A Community of Exceptional Nurses
The Mountain to Sound Chapter takes the 2010 AACN theme of “Stand Tall” to heart as we collaborate with area hospitals to educate our new critical care nurses and advance clinical practice.
The Mountain to Sound Chapter includes members from a vast geographical area, including the greater Seattle area. From the early days of the chapter until today, the Mountain to Sound chapter has implemented a number of ongoing strategies to cultivate hospital collegiality and professional collaboration.
The Mountain to Sound Chapter has a longstanding organized critical care consortium cooperative involving 11 area hospitals. Courses are provided three to four times per year and rotate among the member hospitals. The course consists of 24 hours of ECG education and 56 hours of critical care topics and case studies.
The Mountain to Sound website maintains the lectures and handouts for the consortium. The website provides a way for the various hospitals attendees and preceptors to easily review and utilize the information.
Critical care educators and clinical nurse specialists (CNSs) from our hospitals meet formally four times a year after each course offering. These meetings allow us to update our educational topics based on participant feedback and current evidence based practice.

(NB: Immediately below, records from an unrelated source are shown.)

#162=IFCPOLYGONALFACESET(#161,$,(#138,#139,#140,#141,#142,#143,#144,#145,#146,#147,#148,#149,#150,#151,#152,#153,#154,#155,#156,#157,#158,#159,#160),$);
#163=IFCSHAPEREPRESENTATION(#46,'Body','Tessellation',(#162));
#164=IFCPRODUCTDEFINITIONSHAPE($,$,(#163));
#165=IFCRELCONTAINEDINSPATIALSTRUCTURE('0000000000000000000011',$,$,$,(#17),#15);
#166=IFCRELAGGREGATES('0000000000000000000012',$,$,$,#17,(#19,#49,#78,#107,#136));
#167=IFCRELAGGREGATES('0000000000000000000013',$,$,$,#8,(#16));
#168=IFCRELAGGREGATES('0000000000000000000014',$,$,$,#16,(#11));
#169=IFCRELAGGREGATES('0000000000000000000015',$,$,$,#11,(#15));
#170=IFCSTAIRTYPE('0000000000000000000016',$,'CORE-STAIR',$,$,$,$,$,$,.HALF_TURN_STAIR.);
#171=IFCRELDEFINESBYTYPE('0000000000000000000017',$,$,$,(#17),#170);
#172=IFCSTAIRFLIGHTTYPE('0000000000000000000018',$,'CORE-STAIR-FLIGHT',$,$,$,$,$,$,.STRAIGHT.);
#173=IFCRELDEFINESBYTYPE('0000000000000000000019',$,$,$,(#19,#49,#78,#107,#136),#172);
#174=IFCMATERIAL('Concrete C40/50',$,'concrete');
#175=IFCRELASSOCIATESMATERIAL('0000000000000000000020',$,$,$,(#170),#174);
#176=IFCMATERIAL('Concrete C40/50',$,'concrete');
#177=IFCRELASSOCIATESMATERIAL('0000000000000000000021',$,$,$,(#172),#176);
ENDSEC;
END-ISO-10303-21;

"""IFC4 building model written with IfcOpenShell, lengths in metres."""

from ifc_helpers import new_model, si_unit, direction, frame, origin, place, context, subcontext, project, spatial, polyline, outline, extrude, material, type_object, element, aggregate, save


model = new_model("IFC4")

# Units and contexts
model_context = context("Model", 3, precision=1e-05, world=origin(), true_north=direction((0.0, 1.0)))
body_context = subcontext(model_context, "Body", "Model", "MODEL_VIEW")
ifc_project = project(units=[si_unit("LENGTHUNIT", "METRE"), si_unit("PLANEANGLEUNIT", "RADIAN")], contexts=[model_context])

This forum also provides a means for the local area educators and CNSs to network and discuss the latest clinical questions and community standards of care.

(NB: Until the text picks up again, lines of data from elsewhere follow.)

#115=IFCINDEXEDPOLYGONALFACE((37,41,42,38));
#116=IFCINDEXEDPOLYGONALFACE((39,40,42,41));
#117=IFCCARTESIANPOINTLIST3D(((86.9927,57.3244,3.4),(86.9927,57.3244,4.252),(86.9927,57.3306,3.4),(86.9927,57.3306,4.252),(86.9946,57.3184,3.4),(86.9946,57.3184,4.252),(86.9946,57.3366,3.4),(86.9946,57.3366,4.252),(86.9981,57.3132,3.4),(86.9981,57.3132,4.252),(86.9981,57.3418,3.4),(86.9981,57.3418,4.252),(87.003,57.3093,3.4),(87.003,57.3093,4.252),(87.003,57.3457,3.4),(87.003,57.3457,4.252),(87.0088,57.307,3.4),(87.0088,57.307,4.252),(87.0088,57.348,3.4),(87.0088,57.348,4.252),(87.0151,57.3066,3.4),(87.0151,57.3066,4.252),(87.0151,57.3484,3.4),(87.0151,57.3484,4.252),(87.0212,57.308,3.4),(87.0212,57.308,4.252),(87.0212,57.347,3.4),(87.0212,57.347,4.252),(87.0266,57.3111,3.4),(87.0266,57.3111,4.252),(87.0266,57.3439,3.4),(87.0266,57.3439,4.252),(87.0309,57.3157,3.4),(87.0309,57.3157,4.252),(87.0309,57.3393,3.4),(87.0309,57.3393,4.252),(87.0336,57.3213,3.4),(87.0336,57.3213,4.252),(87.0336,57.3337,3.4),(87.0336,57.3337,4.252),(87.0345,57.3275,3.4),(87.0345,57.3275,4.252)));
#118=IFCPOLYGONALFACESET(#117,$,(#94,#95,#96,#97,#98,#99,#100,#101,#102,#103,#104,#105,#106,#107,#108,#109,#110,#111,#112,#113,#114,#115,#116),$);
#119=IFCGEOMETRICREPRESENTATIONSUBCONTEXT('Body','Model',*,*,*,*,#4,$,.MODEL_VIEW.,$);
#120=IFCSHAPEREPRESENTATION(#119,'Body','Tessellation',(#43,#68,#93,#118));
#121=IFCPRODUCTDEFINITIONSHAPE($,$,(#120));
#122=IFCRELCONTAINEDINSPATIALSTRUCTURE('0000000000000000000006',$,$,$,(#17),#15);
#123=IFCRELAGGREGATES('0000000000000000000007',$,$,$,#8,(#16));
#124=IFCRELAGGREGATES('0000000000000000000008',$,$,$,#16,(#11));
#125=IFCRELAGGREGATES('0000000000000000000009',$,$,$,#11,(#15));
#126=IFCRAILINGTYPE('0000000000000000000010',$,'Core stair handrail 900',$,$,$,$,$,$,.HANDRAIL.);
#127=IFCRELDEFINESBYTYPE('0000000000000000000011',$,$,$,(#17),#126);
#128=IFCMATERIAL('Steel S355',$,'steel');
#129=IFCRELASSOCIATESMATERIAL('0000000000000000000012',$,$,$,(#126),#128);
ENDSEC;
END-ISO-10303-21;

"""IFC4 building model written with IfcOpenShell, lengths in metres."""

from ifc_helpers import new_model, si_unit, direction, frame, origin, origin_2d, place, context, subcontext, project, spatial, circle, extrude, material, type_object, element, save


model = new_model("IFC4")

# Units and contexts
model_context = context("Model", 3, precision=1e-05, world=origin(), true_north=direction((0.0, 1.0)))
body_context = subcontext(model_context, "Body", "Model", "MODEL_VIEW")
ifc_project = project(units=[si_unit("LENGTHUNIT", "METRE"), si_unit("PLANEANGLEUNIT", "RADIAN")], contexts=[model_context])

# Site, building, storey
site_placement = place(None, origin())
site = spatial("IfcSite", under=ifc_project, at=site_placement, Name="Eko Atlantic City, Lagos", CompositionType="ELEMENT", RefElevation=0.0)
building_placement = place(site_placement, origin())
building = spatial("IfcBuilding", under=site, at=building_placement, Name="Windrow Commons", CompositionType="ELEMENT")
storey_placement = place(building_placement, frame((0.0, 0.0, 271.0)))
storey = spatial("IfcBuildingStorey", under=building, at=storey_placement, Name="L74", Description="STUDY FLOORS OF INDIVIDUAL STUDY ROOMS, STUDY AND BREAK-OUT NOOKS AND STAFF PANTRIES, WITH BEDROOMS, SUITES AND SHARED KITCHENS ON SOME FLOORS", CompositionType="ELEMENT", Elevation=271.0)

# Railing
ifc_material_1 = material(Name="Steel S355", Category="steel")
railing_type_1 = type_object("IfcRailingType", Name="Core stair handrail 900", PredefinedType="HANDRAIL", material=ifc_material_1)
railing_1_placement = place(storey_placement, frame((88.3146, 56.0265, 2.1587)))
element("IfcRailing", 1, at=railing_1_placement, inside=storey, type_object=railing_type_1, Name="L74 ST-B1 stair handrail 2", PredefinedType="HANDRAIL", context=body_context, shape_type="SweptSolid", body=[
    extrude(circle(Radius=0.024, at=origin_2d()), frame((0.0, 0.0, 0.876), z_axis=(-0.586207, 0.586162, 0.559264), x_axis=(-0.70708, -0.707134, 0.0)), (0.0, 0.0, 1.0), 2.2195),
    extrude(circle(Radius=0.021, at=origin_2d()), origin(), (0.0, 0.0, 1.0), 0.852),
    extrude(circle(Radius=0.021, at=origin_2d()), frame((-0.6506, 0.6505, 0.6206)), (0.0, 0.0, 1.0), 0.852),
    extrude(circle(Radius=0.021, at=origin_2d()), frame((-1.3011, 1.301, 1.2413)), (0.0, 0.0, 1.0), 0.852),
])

The critical care consortium, taught by local area experts, was originally created to provide consistent critical care core knowledge and minimize the resource drain within both the large and small hospitals that can occur with an education program of this magnitude.
By leveling the educational playing field, the training variable was removed from the new nurses’ employment decision-making criteria. Nurses were able to choose a hospital where they felt they would belong without having to factor in what training and education would be provided as a new ICU nurse.

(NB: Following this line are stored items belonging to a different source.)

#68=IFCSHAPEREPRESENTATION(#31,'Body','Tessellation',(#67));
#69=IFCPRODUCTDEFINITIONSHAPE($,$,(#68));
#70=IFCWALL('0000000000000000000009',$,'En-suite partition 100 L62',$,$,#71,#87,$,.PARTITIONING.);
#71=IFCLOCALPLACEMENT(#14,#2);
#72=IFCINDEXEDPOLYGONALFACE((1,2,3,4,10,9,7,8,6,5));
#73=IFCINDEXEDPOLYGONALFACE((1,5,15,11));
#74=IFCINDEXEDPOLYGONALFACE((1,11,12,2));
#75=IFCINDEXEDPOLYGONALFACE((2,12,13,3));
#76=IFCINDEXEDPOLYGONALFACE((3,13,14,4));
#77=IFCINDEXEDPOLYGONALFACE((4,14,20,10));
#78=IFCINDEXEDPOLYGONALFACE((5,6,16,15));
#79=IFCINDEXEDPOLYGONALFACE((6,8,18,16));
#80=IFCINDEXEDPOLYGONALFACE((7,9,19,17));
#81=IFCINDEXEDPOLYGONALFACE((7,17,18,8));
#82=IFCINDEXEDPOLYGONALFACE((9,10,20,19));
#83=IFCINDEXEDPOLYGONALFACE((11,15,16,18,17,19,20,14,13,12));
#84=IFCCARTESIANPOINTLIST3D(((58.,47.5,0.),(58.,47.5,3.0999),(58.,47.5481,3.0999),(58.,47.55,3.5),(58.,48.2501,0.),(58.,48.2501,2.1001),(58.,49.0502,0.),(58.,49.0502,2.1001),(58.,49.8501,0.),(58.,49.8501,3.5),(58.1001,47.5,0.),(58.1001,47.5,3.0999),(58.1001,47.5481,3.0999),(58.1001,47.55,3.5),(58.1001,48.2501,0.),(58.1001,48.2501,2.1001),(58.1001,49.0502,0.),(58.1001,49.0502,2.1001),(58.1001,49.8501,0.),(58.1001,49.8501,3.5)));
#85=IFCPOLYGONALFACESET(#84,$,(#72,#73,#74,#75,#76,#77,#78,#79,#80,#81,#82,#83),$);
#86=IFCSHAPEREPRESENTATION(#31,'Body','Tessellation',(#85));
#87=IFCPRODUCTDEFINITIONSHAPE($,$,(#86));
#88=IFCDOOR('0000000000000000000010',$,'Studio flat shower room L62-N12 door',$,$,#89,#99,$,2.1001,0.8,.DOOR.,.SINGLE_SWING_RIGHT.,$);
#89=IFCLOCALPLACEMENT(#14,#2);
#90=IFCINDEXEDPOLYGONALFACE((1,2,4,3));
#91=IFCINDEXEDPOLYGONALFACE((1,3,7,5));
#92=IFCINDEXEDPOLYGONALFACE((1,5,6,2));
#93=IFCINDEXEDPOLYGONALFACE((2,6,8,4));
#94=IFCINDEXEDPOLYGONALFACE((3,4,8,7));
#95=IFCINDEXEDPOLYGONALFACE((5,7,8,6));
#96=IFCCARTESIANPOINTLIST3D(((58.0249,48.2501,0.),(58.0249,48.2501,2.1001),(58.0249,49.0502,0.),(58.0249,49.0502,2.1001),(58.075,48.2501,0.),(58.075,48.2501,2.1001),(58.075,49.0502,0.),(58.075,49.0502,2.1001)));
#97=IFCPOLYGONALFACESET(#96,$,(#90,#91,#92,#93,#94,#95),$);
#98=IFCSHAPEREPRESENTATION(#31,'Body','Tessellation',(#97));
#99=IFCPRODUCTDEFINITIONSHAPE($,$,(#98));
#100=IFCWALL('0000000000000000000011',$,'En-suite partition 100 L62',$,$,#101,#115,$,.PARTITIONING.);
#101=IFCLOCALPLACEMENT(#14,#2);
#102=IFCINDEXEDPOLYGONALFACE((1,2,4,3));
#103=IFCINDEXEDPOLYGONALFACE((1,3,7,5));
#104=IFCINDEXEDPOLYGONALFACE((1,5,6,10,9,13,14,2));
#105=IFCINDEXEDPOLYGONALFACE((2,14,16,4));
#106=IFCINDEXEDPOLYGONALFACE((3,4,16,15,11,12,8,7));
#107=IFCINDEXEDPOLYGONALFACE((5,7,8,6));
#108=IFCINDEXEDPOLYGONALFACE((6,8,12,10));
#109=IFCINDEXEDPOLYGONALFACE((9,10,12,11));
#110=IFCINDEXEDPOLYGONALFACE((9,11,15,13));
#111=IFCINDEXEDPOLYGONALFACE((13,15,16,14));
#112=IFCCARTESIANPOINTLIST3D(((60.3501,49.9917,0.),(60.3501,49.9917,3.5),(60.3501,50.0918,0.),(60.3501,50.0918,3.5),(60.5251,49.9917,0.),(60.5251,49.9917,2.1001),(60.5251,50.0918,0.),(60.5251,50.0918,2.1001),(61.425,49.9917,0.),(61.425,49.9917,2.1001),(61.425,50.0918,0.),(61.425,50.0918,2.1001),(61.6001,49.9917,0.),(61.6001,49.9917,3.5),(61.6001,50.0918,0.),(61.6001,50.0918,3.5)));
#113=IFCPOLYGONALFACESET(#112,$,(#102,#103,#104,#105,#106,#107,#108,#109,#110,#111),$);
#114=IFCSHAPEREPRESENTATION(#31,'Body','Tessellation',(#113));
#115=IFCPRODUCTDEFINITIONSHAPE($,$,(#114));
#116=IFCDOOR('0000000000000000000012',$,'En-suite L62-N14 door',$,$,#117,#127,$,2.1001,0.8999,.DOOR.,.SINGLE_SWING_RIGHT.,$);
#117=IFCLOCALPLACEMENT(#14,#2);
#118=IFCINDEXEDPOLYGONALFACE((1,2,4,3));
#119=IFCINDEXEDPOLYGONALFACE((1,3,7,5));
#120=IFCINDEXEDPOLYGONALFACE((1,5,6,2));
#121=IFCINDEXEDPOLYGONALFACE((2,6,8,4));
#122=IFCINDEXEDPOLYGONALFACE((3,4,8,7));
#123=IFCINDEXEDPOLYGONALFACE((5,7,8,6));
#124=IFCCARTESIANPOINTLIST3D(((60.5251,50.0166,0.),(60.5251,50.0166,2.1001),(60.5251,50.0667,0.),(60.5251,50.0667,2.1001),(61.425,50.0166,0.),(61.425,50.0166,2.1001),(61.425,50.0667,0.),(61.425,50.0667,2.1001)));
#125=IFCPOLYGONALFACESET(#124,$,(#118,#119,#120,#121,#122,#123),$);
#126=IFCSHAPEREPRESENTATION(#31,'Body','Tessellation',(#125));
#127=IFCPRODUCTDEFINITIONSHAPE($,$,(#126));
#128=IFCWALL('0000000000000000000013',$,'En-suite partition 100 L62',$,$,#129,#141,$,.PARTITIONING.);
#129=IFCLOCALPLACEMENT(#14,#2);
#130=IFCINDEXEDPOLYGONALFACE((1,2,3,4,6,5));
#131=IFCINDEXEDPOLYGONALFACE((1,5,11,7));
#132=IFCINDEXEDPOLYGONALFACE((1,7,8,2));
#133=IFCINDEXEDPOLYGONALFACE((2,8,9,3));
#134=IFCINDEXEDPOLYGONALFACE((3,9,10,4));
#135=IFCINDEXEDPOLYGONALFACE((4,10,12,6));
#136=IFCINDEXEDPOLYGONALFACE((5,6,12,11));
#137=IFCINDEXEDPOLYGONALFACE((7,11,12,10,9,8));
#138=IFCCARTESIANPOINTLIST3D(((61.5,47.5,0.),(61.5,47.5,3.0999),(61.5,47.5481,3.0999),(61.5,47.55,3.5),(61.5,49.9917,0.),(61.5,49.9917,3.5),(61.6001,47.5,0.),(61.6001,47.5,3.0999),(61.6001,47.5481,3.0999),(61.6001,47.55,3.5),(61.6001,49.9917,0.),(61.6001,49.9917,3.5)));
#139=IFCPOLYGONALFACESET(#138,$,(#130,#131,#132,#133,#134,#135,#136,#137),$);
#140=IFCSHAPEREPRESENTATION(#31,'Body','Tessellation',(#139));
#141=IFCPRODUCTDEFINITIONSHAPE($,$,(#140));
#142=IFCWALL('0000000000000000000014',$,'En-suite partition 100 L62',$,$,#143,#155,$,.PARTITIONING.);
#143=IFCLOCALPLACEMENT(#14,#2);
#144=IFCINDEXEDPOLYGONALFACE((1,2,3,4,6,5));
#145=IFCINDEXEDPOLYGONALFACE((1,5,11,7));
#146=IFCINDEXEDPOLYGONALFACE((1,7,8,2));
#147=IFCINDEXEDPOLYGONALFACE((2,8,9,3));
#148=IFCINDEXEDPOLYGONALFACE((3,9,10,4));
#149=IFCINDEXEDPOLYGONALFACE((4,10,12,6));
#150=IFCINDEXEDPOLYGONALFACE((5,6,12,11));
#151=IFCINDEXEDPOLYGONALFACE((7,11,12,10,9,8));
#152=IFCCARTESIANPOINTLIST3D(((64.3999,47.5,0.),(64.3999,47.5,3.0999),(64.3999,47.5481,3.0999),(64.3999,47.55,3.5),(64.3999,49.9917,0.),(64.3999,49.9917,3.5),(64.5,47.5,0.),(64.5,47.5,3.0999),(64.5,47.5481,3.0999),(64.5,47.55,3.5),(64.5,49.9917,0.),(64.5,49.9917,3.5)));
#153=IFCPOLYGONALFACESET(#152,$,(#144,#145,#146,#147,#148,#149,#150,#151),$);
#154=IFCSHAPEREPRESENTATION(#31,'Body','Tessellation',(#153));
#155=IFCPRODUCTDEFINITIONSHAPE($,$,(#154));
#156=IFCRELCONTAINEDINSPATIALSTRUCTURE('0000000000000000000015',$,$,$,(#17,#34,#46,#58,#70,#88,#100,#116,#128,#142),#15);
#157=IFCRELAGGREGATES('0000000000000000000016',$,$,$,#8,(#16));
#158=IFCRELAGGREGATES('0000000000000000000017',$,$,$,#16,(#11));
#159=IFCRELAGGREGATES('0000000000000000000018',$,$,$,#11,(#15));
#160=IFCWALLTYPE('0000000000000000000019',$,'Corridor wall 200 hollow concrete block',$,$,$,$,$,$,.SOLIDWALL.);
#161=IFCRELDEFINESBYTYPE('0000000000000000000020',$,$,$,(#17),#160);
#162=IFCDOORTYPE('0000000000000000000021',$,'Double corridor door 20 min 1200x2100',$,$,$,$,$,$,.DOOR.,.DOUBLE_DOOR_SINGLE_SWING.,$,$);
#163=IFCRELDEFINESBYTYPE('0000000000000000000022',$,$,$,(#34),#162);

Our program also ensures that we teach and provide current evidence-based care so all patients in our local area are treated with the same high standard of care and consistent educational preparation in all of our member hospitals.
Not only do we attempt to ensure that our new critical care nurses are appropriately educated but also we have begun to identify practice improvements to disseminate and improve care in our metropolitan area.
One such initiative we took on was hypothermia postcardiac arrest education and hypothermia program implementation assistance for our local area healthcare team members. The hypothermia initiative began with a single institution and spread when our chapter felt it was a critical practice issue. This issue identification led to a partnership with our area hospitals, via our consortium members, to improve care processes.
The Mountain to Sound chapter created an evening educational program to kick off the collaborative event and followed up with support programs and mentorship during the hospital’s hypothermia implementation phases. The program was a success! Currently 17 out of 18 of our acute care hospitals utilize hypothermia postcardiac arrest protocols to optimize neurologic function.
We have a strong base of local area experts who are committed to excellence within their own institutions. In addition, because of our chapter and consortium collaboration these experts improve care throughout our greater Seattle area for both our new and experienced nurses.
Nurses from all of the contributing hospitals receive the same didactic information and take the same comprehensive critical care final exams. CNSs and educators have a wonderful platform to discuss best practices and community standards of care and to share protocols.
Our chapter’s collaboration with local area hospitals through our critical care consortium is a win-win situation for all. We are truly a group that is more than the sum of its parts, hospitals and educators, and together we have improved the care and outcomes of patients in the Seattle metropolitan area.